Opinion-Mortgage bailout would tax U.S.

Illustration by Daniel Worthington
Illustration by Daniel Worthington

Numerous proposals to avert home foreclosures are floating around Washington right now. At the moment, Democrats and Republicans are clashing heads over these proposals.

One such plan is to have the government buy at-risk mortgages, restructure them to reduce payments and then resell them in a secondary market.

With this plan, mortgage-backed investors who will take a loss in the end will receive most of their investment back and borrowers will get refinanced mortgages.

This means that home owners would be rescued from foreclosure by putting them in reasonable fixed-rate loans and taking them out of their high-interest loans.

Sen. Chris Dodd (D-Conn.) has proposed a variation to the proposal that will bring about a new agency that was modeled on the depression-era Home Ownership Loan Corporation to buy all these at-risk mortgages.

The plan is supposed to establish a true market value for the security-backed loans and jump-start the market for mortgages.

This idea is approved and supported by both progressives, the Center for American Progress, and conservatives, the American Enterprise Institute, according to CNNMoney.com.

The seed funding will be $10 to $20 billion to taxpayers, but the project should become self-funding in the end.

Sympathy goes to those who are in over their heads with mortgages, but we taxpayers having to bail them out is not fair. 

It seems little thought was put into these loans before mortgages were signed, and all the eager loan companies gave money to anyone without considering their income.

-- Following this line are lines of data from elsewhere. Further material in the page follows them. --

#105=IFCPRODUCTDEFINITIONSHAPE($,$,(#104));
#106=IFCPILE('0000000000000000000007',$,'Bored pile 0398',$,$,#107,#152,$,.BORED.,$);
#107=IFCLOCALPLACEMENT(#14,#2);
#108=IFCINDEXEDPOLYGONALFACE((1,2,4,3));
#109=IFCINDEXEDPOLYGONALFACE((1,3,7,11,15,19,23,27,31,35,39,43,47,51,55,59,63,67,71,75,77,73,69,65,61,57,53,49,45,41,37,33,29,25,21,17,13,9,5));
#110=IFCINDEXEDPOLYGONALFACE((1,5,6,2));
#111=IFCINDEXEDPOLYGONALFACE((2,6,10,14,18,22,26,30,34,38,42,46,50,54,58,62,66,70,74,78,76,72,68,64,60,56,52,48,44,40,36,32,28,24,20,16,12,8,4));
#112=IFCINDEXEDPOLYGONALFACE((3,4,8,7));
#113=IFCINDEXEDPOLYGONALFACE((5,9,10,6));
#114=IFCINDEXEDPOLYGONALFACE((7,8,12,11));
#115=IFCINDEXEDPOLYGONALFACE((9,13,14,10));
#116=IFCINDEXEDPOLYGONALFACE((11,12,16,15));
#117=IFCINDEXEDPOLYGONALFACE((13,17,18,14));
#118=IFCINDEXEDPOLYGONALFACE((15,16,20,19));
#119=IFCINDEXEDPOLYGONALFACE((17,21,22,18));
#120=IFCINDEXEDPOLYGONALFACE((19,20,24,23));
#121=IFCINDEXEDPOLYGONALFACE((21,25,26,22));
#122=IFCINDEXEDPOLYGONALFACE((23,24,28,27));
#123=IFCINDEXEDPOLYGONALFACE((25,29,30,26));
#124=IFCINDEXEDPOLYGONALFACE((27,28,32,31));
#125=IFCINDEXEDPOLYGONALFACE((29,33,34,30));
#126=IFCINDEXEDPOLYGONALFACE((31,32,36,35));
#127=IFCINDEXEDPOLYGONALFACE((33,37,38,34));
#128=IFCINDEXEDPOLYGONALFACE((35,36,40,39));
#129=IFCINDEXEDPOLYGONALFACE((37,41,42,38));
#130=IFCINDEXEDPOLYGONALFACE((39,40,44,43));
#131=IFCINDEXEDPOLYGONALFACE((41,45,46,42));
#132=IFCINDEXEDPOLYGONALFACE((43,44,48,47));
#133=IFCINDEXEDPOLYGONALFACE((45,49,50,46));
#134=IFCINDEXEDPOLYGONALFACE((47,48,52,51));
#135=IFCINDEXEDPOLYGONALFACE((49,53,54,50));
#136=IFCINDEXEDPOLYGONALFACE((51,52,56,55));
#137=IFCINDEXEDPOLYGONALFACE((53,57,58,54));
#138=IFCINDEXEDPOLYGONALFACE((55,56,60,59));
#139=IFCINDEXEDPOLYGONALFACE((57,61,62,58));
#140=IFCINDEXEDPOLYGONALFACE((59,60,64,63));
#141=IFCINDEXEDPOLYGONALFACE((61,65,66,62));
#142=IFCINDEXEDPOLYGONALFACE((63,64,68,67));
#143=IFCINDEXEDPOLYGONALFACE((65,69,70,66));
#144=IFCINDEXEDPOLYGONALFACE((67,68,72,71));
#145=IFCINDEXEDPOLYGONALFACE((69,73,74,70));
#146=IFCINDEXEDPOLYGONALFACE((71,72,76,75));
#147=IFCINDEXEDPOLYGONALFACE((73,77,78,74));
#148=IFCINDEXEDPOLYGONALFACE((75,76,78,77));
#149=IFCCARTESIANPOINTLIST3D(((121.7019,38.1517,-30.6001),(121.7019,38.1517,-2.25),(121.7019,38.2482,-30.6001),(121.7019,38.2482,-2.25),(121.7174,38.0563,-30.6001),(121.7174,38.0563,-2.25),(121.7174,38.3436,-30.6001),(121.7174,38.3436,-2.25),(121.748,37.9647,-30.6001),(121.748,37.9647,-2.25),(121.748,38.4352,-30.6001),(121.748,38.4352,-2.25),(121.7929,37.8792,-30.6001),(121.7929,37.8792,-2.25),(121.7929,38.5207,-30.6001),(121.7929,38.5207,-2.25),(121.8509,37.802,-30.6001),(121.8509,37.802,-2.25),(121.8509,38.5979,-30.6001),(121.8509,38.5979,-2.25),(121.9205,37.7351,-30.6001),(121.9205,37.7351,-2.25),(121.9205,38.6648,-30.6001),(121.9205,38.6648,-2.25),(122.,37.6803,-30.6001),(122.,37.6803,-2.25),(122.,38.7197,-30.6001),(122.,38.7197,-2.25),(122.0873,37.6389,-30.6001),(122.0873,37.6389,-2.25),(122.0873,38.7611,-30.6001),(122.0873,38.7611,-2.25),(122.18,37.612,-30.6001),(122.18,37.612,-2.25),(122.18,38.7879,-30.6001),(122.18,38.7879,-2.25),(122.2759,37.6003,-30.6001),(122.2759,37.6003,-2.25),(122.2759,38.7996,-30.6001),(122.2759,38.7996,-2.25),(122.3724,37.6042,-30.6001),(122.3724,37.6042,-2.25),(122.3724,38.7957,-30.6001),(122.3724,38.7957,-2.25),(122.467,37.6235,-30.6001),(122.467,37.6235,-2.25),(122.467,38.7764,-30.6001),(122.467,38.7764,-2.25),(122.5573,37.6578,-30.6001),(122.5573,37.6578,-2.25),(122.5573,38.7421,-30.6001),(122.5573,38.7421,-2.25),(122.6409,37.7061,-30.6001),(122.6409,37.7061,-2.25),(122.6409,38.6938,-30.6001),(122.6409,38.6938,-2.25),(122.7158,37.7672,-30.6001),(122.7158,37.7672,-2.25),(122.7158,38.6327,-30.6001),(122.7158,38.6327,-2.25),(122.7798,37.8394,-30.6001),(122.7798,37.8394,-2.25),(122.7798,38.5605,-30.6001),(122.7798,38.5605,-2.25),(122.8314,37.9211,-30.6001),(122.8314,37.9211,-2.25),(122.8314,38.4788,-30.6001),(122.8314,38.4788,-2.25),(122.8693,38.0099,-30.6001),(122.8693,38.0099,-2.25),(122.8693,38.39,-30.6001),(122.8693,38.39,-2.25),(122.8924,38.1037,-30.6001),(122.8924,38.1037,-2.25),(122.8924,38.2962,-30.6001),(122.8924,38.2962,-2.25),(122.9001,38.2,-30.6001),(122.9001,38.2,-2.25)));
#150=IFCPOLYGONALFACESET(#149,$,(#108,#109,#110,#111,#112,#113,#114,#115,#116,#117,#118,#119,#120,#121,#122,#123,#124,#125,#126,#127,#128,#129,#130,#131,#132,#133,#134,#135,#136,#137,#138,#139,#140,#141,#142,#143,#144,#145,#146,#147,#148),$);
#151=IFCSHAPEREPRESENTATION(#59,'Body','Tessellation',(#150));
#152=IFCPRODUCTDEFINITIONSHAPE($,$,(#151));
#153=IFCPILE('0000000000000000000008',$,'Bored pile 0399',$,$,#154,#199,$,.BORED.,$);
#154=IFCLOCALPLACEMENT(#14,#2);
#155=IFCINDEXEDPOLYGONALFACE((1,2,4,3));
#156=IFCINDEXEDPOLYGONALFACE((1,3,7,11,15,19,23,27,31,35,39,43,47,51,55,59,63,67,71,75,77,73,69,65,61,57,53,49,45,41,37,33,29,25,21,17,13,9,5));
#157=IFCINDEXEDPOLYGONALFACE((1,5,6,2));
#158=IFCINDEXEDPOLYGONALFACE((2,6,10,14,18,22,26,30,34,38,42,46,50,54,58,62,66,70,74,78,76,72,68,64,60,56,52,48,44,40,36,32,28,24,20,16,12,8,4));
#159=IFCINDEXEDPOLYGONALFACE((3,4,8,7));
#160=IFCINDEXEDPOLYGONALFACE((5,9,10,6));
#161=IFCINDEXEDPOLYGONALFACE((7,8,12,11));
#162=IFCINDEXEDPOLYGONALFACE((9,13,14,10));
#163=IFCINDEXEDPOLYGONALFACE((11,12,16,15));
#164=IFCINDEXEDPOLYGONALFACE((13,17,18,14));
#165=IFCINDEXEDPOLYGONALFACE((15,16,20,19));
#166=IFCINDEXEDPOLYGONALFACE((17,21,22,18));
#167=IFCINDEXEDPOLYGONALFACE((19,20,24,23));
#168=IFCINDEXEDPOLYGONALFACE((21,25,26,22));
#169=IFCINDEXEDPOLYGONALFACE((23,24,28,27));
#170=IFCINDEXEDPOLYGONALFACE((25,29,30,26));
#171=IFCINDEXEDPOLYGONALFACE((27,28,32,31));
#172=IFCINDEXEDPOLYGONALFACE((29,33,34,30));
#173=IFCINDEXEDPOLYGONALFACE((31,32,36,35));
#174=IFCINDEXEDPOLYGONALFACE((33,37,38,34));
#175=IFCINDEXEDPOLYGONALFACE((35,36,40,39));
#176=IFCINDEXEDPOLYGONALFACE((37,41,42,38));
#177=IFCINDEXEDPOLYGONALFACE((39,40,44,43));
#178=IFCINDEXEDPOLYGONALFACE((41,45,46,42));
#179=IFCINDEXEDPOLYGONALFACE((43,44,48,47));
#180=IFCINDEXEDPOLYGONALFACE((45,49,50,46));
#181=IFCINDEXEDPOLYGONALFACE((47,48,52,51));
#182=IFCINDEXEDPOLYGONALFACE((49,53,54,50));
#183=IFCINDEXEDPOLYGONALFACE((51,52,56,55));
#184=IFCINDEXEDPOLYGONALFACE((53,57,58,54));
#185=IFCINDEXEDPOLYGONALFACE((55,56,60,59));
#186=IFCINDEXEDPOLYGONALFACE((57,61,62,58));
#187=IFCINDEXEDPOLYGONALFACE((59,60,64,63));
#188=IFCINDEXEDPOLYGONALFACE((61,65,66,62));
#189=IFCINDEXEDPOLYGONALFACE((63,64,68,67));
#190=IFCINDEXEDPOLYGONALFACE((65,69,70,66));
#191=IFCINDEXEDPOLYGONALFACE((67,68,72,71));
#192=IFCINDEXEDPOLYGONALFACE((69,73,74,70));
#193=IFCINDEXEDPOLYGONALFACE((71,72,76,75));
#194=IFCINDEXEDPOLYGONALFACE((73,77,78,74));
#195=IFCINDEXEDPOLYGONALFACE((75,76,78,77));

These homeowners were greedy. They wanted the bigger, more expensive houses, they knew they were buying houses out of their price range.

The Hope Now initiative is the only help that the Bush administration is supporting.

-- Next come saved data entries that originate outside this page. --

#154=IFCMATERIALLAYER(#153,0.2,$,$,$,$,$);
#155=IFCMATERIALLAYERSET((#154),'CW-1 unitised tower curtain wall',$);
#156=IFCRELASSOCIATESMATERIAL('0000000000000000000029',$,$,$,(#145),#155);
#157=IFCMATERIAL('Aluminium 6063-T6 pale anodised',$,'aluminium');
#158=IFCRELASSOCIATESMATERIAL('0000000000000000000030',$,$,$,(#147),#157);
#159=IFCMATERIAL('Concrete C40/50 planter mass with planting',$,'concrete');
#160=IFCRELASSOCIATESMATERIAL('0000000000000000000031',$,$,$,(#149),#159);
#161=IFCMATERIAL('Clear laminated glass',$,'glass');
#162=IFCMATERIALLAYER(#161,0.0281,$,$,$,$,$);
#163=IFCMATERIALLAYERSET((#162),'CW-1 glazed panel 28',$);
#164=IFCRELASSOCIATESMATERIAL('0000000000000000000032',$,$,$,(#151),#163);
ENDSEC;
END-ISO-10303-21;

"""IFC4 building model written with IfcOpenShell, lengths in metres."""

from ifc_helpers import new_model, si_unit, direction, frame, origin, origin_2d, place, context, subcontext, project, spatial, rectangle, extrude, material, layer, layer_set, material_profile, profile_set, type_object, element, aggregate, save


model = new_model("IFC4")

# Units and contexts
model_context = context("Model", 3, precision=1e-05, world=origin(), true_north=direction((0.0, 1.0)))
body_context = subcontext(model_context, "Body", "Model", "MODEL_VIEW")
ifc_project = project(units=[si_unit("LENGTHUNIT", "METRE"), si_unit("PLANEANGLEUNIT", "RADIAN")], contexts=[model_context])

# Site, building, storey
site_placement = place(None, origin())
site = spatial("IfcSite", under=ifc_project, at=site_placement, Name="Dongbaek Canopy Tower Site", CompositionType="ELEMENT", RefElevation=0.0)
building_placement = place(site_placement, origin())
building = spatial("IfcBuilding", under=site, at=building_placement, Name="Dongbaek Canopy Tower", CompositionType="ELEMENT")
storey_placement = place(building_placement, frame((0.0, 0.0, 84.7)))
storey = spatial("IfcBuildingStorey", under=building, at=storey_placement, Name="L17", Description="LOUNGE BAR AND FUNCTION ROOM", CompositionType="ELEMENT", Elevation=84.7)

Hope Now is a cooperative effort between counselors, investors and lenders to maximize outreach efforts to home—owners in distress, according to www.hopenow.com

“I’m not interested in bailing out investors, lenders and speculators,” Treasury Secretary Henry Paulson said last week. “I’m focused on solutions targeted at struggling homeowners who want to keep their homes.”

Another proposed bill is the Foreclosure Prevention Act of 2008. This plan wants states and towns to use their community development funds to buy foreclosed properties, then rehab them and sell or rent them.

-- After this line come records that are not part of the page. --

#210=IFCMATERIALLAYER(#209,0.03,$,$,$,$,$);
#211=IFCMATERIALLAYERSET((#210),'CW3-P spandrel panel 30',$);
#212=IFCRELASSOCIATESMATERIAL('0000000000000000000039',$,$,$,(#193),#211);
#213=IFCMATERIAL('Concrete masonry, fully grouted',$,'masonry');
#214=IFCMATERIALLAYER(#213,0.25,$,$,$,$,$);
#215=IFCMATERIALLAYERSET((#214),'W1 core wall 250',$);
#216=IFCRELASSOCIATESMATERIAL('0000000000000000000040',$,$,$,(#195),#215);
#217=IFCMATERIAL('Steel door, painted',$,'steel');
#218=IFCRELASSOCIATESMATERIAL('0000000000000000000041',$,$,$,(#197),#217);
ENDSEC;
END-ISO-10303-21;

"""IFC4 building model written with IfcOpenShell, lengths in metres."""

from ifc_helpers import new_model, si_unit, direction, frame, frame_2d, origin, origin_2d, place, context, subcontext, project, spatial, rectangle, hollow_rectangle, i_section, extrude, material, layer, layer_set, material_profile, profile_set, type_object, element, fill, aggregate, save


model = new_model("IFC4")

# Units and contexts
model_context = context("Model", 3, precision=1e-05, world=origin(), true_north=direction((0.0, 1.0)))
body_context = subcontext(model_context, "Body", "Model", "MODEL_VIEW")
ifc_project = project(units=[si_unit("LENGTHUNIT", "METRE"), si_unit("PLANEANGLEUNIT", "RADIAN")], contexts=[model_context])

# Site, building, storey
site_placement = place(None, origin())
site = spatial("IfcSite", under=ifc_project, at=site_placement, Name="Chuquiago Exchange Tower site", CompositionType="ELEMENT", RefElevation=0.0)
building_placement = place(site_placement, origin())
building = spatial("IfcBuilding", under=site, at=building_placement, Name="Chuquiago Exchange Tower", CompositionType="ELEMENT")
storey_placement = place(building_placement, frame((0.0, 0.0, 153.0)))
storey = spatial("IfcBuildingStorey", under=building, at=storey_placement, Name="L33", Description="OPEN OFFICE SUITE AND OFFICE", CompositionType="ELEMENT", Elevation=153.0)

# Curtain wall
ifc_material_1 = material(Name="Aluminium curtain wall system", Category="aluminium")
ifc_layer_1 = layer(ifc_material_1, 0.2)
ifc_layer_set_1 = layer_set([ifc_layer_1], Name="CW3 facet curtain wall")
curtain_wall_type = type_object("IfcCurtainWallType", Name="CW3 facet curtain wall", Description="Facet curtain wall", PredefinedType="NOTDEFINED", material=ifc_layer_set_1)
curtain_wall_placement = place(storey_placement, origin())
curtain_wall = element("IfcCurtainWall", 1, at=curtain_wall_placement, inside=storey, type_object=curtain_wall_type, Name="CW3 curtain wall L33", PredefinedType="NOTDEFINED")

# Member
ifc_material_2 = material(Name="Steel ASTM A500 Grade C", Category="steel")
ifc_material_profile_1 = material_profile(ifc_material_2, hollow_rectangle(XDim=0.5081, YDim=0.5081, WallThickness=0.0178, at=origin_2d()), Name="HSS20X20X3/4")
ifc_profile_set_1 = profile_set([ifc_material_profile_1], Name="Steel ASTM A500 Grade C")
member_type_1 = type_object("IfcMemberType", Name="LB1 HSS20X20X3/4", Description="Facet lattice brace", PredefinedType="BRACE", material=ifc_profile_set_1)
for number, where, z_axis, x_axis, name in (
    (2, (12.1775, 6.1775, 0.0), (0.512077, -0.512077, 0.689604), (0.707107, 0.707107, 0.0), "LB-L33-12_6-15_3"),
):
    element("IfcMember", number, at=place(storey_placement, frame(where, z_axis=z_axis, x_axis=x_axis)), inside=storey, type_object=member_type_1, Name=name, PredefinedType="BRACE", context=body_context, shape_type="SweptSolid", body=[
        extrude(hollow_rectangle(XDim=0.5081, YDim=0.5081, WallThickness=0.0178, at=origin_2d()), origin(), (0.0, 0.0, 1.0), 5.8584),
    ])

What this sounds like is that instead of a new city park, repaved streets or overall well-maintained cities, there will be more homes for sale or rent. Yes we would be helping the neighbors with this plan, but why must the community as a whole be punished for another’s greed and budget problems.

All in all, people should start small then work toward a new big house, rather than start big and go to small. Currently, many bills are in front of Congress, but it is still unknown which legislators will choose.